Continued uncertainty brought about by the ongoing effects of the pandemic, Brexit, war in Ukraine and of course inflation at levels not seen in generations mean there is increased demand for data science advancement – particularly for more frequent and granular measurement and forecasting. The competitive advantage gulf between companies pursuing data-driven strategies and those that are not will widen, putting more pressure on the laggards of their respective industries.

And with that in mind, the trend towards in-housing is likely to accelerate as brands recognise the value of their data asset and seek to protect it and capitalise on it – at scale. Tearing down the walls between those siloes can be difficult to achieve without a single-minded strategy that delivers control and accessibility to data in both an agile and holistic way. But the days of outsourcing everything are probably numbered.
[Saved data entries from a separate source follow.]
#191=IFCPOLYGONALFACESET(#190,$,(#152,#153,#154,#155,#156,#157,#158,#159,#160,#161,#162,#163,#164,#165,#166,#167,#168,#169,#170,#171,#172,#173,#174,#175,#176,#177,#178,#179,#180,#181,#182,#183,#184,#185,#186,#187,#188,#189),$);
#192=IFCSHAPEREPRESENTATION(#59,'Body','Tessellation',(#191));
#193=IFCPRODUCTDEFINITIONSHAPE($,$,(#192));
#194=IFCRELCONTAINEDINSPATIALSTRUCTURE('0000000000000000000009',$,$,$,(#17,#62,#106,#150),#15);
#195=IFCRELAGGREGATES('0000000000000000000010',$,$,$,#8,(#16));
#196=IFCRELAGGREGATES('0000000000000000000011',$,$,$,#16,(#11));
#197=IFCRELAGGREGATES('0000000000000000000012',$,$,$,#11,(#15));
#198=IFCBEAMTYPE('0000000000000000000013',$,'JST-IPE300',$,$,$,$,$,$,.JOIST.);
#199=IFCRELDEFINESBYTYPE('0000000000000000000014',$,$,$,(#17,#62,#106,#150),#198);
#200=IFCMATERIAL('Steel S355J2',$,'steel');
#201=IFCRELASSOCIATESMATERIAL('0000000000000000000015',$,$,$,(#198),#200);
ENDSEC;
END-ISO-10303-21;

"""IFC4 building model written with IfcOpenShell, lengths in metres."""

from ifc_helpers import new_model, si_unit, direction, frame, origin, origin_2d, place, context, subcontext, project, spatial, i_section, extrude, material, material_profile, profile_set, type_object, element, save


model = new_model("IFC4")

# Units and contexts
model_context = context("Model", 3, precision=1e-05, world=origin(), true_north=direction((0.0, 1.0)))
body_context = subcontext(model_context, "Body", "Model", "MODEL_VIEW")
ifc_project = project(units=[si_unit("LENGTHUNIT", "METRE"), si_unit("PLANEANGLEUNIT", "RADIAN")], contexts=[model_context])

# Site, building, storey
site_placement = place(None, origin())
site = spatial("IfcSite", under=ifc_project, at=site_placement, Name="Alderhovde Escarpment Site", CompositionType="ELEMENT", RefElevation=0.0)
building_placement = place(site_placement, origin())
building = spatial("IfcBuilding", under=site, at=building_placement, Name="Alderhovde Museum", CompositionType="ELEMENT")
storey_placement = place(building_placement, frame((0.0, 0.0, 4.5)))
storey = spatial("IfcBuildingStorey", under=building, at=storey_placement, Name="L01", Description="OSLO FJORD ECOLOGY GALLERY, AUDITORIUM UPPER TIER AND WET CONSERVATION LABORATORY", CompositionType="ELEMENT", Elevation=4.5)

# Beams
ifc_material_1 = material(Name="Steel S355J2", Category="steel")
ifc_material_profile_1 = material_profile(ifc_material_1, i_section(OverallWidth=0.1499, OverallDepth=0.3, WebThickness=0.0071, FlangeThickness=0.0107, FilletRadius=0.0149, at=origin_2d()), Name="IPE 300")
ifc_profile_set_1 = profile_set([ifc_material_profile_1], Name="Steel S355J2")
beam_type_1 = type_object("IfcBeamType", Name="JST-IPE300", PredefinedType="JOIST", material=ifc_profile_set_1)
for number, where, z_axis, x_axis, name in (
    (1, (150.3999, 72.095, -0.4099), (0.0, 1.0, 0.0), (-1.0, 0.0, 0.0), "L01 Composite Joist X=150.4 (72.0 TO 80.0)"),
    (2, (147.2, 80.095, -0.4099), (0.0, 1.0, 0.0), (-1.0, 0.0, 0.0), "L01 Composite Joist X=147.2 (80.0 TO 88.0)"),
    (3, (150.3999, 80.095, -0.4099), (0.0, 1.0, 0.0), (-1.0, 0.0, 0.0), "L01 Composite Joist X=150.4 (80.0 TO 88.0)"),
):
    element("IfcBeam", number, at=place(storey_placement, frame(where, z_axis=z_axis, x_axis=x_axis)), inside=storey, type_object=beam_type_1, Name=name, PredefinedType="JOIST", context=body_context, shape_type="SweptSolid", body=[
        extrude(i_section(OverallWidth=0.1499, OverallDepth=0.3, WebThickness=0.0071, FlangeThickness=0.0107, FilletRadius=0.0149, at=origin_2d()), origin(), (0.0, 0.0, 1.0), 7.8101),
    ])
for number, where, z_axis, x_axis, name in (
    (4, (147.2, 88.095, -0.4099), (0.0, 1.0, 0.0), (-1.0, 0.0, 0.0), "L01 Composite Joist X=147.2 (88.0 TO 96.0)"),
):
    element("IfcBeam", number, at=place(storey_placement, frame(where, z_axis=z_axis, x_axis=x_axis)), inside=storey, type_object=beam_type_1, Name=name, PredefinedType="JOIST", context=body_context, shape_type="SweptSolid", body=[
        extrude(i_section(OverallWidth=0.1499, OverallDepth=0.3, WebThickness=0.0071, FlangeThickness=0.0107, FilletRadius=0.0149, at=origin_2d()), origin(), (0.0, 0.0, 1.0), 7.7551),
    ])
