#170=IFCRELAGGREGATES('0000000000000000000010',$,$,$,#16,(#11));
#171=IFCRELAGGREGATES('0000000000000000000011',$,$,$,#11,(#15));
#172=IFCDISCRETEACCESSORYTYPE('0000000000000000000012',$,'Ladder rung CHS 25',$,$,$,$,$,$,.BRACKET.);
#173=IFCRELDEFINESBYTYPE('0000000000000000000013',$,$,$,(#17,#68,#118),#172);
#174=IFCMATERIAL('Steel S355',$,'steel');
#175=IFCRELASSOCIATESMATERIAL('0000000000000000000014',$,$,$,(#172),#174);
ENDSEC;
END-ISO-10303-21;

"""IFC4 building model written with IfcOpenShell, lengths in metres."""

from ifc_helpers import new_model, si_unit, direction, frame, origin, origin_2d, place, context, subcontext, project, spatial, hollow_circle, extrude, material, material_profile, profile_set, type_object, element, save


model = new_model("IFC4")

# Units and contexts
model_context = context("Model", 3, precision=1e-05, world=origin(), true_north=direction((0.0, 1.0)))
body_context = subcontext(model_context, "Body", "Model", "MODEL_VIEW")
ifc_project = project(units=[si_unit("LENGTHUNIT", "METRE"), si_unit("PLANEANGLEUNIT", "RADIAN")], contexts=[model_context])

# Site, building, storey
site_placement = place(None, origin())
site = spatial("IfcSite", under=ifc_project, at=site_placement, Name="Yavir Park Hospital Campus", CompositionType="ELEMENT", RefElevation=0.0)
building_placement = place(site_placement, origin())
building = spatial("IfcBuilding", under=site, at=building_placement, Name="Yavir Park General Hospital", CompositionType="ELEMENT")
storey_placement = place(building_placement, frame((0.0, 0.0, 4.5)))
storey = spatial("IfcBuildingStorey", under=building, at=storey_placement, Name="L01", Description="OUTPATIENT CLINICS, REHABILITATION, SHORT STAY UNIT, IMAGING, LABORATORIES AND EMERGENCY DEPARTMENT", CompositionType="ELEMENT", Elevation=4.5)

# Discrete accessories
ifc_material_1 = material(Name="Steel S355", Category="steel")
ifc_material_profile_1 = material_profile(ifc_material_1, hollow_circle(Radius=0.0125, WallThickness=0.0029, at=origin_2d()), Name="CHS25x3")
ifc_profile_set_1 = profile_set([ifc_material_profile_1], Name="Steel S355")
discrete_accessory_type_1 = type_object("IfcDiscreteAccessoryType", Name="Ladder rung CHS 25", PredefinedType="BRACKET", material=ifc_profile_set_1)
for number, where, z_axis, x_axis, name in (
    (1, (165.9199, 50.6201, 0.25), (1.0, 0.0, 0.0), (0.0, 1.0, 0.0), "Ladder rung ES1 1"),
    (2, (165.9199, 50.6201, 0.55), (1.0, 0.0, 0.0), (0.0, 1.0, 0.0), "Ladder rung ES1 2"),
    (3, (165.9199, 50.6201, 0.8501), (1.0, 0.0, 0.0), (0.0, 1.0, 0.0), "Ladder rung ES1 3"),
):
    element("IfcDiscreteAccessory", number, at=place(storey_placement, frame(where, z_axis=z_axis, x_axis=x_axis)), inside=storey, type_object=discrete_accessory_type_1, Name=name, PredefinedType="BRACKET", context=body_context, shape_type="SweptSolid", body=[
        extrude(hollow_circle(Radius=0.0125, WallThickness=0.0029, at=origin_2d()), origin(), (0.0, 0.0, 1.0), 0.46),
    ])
And so the question becomes one of how best to deploy specialist expertise – that is hard to recruit – to enable the best in-housing solution.

The effects of changes in identity-based marketing will be felt most acutely when Google finally turns off third-party cookies as it’s still the biggest provider. Companies whose journey to effectiveness without third party data is not already well underway, or isn’t working, need to act fast. It’s essential this is coordinated with an overall data and analytics strategy to ensure privacy and customer management absolutely lives up to what it promises to deliver, while still achieving the 10-20% gains available through marketing effectiveness.

Finally, the thorny issues of sustainability in data science, especially in the face of the continued exponential proliferation of data, and ethical AI will continue to come to the fore as businesses try to derive best value with minimal environmental impact or bias.